Looking good Andy, glad you are making some more progress. Yes, drilling through the bell rig was quite a challenge!


----------



## abernat (Jan 3, 2008)

Some progress (finally). Been working on the tender. The various fixtures have not been glued down (pending painting) so kindly ignore any that are off kilter!


----------



## placitassteam (Jan 2, 2008)

Andy, Looking very nice. Good to see you making progress. Sorry to hear the chassis was so bad. It is a real shame the way that all turned out.


----------



## abernat (Jan 3, 2008)

And a pilot and pilot wheel! Also a cab but no photo necessary.


----------



## chuckger (Jan 2, 2008)

Hi Andy,

Nice work.
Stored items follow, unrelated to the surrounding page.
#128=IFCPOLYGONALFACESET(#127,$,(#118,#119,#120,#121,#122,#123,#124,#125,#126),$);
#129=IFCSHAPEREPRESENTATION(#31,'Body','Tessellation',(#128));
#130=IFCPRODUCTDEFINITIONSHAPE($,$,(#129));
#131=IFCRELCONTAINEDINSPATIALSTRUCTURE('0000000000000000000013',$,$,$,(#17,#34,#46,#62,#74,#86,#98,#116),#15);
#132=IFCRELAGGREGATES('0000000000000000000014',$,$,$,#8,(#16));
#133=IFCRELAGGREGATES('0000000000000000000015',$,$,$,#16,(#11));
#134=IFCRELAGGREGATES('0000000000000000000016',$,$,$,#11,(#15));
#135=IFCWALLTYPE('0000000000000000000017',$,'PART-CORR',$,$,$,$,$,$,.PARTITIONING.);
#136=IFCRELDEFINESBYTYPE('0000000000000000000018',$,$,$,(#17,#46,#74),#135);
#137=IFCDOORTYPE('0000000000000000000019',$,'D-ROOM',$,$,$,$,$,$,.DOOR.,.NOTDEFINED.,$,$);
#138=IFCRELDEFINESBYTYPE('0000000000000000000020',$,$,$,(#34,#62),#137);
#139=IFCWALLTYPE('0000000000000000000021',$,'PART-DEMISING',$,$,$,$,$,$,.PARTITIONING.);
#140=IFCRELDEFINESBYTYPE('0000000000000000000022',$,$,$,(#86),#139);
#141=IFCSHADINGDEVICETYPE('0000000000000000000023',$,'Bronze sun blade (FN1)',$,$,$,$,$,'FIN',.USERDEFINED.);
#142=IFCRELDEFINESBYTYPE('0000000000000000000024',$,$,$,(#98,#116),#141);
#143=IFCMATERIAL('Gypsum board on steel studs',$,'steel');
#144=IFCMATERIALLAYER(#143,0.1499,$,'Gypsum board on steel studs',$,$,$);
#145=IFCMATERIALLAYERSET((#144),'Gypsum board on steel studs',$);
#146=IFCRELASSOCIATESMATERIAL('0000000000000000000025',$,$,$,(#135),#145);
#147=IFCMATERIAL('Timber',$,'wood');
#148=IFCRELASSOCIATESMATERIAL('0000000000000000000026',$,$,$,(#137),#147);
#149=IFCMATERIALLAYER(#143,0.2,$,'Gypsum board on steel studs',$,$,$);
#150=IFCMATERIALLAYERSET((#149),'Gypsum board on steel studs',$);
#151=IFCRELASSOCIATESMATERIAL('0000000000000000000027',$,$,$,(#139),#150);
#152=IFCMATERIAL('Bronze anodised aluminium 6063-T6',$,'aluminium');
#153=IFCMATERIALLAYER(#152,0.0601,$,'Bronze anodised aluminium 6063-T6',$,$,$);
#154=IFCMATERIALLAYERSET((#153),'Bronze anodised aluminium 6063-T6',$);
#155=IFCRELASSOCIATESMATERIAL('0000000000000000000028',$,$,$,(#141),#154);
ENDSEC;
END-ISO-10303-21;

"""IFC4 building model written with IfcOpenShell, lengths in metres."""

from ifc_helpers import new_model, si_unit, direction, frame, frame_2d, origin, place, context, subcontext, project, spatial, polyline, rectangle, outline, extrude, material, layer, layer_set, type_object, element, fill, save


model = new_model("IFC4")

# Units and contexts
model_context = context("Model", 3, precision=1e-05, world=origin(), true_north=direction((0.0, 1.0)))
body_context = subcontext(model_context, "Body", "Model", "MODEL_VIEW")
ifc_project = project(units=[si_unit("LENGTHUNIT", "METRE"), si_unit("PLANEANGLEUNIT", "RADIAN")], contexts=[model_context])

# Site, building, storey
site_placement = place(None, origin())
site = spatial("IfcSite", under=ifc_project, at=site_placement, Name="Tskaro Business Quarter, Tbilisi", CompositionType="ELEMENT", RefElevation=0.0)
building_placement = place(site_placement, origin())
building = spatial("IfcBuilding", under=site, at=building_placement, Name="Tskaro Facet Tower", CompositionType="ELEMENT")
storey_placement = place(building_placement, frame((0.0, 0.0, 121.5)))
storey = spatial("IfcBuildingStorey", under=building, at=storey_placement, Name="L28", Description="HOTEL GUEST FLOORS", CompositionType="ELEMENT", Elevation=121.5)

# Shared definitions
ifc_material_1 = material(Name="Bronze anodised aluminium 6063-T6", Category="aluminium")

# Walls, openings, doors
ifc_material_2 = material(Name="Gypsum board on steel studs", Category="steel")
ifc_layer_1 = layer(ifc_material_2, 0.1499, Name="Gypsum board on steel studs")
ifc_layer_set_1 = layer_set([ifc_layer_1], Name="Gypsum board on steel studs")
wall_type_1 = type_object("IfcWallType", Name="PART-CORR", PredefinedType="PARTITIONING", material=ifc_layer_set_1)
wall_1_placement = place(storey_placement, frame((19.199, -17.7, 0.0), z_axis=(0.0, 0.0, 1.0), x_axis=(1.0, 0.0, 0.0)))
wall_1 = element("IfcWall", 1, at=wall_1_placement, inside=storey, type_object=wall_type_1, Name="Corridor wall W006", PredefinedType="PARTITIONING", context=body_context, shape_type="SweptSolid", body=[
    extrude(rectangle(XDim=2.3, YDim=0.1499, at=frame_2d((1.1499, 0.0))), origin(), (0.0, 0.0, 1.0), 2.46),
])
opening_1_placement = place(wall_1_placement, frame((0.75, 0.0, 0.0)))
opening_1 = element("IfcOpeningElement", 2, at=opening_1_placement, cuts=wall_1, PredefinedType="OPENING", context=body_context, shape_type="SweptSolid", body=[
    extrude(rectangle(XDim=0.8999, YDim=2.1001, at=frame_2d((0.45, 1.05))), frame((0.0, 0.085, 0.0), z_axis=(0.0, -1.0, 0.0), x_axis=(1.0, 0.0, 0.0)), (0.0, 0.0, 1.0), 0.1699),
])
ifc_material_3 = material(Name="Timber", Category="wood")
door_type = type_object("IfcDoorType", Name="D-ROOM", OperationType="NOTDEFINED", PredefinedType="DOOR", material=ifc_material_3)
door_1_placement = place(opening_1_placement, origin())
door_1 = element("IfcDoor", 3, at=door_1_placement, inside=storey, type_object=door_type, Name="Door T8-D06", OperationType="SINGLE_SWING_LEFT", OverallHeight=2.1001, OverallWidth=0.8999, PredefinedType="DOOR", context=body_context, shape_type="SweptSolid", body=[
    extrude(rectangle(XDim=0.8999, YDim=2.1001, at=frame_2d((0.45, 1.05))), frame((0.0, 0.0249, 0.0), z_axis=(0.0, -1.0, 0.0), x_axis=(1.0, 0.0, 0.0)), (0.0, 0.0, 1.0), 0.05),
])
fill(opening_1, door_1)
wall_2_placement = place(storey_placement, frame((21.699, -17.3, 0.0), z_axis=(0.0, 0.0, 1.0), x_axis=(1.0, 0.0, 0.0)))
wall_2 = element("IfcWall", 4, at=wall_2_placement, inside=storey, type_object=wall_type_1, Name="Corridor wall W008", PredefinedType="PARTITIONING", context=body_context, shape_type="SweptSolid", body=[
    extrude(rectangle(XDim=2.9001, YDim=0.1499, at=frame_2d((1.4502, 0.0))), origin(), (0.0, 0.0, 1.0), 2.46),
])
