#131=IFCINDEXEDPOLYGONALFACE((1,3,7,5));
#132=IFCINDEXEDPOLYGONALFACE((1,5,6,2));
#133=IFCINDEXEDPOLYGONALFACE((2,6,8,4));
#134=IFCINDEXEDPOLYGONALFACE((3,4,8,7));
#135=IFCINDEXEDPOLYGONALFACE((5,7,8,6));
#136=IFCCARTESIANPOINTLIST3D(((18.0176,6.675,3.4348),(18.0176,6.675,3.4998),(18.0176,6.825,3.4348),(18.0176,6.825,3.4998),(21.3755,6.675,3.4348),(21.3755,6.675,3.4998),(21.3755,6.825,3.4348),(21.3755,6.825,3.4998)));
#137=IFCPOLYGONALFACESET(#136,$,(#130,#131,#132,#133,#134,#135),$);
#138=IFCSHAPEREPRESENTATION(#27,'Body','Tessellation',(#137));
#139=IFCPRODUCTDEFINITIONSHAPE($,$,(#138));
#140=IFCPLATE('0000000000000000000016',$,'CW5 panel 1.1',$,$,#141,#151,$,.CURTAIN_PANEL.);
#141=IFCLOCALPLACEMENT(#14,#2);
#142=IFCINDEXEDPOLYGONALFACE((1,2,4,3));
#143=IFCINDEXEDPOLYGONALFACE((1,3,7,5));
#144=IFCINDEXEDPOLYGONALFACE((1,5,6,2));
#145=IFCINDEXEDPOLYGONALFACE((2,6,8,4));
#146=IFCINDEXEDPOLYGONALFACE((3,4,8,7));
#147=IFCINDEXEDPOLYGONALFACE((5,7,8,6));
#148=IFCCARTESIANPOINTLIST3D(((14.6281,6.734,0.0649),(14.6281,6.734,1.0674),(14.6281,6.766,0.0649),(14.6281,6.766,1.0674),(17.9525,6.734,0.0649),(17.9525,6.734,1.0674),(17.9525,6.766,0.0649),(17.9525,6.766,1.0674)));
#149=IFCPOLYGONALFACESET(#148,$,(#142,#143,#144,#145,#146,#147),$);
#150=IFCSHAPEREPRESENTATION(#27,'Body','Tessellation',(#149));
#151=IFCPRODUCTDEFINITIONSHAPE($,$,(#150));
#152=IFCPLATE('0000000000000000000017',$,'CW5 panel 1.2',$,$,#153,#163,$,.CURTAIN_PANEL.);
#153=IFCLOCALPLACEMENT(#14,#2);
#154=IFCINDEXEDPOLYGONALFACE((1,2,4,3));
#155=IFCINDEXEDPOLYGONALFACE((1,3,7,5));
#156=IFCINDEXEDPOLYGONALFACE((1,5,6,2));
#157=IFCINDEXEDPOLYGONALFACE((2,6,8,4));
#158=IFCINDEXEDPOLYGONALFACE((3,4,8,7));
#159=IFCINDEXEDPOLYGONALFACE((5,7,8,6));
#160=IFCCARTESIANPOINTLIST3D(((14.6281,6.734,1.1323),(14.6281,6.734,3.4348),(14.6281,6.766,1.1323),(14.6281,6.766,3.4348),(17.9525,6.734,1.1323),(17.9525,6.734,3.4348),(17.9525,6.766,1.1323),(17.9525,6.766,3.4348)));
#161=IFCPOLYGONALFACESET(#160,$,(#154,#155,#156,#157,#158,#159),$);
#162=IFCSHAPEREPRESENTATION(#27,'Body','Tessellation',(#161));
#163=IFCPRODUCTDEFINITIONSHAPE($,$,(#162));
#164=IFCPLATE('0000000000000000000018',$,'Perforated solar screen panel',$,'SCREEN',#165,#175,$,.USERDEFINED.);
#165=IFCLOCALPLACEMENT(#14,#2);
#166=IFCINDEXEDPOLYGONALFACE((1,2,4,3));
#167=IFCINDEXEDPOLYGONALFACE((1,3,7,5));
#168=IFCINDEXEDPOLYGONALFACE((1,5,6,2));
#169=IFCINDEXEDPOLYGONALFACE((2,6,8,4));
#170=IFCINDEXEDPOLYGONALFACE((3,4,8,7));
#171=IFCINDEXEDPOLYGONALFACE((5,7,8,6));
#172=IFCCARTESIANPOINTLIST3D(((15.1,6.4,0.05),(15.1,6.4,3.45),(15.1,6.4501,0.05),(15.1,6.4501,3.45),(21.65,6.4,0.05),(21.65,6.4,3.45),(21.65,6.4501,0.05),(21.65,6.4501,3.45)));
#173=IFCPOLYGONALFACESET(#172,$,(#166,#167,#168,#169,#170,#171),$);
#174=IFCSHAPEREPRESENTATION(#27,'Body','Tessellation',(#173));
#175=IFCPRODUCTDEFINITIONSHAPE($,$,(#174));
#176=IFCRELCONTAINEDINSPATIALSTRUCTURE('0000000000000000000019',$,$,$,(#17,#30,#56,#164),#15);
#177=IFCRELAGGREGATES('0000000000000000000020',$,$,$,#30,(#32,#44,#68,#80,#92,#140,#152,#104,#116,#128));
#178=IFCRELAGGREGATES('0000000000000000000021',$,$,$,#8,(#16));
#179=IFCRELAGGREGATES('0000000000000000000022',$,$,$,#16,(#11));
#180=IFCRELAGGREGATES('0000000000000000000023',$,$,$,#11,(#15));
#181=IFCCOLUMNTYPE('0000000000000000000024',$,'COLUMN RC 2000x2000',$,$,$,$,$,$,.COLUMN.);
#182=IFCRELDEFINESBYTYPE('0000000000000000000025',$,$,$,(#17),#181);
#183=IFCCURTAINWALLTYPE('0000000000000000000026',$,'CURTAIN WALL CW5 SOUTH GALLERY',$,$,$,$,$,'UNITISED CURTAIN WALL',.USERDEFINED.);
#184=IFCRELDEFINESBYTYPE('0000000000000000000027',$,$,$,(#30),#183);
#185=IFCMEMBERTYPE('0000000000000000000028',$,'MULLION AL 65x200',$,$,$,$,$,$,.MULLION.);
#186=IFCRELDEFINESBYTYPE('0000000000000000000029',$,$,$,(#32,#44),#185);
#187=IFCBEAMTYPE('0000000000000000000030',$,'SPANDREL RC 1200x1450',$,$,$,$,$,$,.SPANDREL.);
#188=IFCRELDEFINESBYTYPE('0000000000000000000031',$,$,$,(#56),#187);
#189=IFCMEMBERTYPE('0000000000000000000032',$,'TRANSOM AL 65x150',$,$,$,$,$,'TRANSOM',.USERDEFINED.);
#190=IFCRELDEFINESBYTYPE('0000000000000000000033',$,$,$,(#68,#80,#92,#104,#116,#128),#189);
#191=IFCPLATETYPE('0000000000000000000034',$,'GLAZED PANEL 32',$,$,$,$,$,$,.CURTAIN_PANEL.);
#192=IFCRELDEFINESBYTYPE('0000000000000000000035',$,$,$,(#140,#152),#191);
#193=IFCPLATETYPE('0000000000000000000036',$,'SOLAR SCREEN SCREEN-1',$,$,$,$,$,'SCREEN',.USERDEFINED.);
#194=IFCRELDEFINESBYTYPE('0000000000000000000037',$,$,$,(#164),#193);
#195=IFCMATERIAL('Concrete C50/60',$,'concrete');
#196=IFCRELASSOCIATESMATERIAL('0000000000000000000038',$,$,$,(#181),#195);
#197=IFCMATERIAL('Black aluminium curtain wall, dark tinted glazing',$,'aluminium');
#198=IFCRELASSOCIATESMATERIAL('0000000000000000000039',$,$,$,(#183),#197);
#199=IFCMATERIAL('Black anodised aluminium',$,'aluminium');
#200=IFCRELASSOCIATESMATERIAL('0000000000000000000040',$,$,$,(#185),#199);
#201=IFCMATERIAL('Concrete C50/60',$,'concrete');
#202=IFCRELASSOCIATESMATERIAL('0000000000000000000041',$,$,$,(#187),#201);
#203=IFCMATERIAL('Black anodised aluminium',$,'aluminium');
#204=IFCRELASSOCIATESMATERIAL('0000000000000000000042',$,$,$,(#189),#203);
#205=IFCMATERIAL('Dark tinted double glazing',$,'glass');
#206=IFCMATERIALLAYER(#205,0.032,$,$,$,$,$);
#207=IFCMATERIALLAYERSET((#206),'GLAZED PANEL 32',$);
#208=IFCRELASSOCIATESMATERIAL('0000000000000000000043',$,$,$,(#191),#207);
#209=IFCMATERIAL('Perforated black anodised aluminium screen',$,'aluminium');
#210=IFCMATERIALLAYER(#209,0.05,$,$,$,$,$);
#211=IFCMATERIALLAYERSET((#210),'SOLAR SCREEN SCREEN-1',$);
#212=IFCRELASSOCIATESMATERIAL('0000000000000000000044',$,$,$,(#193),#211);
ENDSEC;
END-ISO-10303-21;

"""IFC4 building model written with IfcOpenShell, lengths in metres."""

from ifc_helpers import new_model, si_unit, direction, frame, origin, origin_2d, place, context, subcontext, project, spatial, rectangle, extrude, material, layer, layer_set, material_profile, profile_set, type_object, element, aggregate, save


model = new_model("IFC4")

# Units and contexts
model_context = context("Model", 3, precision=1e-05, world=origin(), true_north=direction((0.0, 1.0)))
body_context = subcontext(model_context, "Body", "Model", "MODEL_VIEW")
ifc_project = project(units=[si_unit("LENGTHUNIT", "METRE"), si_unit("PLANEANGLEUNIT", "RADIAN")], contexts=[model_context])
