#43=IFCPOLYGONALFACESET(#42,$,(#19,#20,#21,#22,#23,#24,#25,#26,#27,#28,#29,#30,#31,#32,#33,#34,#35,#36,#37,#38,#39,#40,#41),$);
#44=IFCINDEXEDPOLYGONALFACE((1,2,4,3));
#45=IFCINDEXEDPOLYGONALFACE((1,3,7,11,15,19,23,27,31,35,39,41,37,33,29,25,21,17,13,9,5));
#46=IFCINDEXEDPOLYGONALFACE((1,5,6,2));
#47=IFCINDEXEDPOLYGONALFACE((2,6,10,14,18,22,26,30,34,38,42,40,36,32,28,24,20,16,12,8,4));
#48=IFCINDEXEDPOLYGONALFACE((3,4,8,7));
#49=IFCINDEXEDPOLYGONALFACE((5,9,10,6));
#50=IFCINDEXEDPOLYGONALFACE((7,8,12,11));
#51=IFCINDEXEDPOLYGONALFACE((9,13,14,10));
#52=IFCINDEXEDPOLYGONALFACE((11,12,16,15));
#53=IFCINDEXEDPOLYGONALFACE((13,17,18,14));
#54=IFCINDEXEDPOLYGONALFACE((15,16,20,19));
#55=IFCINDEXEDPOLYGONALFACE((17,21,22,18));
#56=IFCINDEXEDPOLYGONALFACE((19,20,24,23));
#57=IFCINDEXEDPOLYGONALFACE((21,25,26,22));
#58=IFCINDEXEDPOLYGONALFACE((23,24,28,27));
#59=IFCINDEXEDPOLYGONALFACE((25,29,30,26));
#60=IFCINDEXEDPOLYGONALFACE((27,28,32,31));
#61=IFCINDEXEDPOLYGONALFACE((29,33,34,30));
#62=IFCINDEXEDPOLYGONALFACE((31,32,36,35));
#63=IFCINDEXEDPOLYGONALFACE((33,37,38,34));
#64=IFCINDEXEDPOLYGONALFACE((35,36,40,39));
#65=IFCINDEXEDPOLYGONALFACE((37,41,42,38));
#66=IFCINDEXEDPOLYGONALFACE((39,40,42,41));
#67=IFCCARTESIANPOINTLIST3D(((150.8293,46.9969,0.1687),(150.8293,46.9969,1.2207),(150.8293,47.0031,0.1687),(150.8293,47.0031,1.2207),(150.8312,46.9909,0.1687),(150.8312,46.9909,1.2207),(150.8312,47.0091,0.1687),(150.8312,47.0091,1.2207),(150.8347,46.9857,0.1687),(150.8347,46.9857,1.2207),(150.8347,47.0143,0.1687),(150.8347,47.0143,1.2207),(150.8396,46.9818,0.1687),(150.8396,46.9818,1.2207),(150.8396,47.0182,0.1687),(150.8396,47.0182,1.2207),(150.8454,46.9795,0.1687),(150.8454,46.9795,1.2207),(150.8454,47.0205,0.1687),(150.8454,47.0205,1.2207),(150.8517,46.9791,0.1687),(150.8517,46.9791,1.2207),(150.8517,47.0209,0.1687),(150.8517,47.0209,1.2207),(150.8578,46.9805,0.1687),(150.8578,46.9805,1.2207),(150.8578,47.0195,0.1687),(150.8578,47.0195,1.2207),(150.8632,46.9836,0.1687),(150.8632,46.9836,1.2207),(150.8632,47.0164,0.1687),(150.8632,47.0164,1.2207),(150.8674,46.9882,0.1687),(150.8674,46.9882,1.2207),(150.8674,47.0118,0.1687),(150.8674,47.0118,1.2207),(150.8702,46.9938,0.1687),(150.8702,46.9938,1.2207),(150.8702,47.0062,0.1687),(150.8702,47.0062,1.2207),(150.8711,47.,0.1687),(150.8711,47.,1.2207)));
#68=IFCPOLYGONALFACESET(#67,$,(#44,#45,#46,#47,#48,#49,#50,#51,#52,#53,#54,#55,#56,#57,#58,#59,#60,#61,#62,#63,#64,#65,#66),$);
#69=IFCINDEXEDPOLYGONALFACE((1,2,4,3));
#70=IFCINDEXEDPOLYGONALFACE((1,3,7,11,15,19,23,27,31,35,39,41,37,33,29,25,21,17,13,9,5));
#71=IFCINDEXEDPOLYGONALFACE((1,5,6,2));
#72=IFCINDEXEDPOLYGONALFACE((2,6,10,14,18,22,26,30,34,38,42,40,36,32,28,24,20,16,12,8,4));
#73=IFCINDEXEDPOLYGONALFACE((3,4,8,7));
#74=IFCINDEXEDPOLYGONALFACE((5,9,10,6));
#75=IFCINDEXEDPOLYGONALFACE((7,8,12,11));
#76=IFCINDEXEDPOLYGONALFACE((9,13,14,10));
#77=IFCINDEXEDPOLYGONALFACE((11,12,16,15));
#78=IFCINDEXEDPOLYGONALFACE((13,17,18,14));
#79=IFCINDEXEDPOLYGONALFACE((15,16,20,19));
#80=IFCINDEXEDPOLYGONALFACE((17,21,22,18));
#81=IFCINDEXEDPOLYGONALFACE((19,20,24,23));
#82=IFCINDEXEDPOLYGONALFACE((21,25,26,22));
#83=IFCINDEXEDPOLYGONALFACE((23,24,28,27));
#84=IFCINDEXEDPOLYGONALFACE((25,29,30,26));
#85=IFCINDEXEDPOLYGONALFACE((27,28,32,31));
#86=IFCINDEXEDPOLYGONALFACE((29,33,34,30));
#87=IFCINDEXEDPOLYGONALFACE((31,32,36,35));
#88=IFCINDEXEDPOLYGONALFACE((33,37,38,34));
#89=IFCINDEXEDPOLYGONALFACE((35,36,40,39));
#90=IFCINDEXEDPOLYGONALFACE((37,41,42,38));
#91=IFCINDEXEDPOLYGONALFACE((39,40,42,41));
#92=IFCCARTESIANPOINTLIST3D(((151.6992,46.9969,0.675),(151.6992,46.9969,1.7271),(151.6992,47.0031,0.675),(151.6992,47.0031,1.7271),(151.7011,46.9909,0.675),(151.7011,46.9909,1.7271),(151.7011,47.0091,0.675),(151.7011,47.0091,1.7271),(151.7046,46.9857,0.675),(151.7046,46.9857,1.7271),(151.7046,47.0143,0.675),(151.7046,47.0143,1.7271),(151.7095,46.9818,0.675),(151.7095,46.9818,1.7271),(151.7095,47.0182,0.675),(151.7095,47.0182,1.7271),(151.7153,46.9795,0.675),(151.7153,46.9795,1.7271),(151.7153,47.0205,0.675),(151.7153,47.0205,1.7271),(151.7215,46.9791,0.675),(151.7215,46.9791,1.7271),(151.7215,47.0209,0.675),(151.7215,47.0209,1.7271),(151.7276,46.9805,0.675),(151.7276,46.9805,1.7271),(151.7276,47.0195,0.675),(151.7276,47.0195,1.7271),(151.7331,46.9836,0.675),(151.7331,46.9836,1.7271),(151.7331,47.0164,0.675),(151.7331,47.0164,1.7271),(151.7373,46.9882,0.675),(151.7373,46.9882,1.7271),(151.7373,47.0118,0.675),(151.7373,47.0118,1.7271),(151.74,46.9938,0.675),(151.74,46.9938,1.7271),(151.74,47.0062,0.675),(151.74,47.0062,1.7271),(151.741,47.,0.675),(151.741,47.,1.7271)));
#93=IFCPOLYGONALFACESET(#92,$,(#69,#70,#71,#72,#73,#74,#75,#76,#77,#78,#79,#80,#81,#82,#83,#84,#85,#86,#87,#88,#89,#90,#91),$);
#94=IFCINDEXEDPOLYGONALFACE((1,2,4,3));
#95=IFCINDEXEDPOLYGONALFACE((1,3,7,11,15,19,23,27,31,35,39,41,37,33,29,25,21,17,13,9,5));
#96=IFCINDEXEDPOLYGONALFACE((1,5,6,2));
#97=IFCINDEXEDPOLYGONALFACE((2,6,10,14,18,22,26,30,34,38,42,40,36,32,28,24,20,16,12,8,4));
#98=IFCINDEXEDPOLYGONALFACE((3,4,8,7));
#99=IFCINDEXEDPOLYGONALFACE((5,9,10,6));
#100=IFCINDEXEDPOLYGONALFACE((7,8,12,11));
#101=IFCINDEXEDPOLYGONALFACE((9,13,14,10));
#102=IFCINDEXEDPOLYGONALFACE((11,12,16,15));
That's going to be a great looking bogie. Where did yoi get the spoked wheel?? Are you using them in the tender truck.

Chuckger


----------



## abernat (Jan 3, 2008)

It's a Sierra Valley Enterprises wheel set 24" diameter in 1:20.3. I haven't checked to see if they work on the tender truck yet. For the pilot I could build my own frame.


----------



## peter bunce (Dec 29, 2007)

Hi Andy, 

Your new Mason Bogie is looking good - congratulations on your new work. 

Thanks for the photos!


----------



## Robert (Jan 2, 2008)

I'm always excited when I see a new post in the MasterClass area because the workmanship in here is always spectacular. Andy you haven't disappointed. 

Jealously yours, 
Robert


----------



## abernat (Jan 3, 2008)

Robert, my first Bogie was my first ever scratch building project in styrene. Believe me, you can build one!

Andy


----------



## Steve Stockham (Jan 2, 2008)

Andy,
I'm very curious: how does this one compare with your first? What are you finding easier and are you trying anything different with this one that is surprising you? By the way, it's looking fantastic!


----------



## abernat (Jan 3, 2008)

Steve, interesting question! First, because it's been such a long process for me I've often forgotten how I solved a particular problem with the first Bogie so have to re-figure things out on the second one! So no efficiencies of scale. But I get the fun of thinking things through twice









The biggest difference is my desire to build to a higher standard. As is often true, I look at my first Bogie and can see all of the misfittings/mistakes/etc. that I made. None of them are large enough to take away my pleasure at having actually built the locomotive and none are very obvious to the casual viewer. But I would just as soon not have them on them on my second locomotive (I'm sure I'll just have different ones). And my skills at building are certainly much better than when I started the first one. So things are working out.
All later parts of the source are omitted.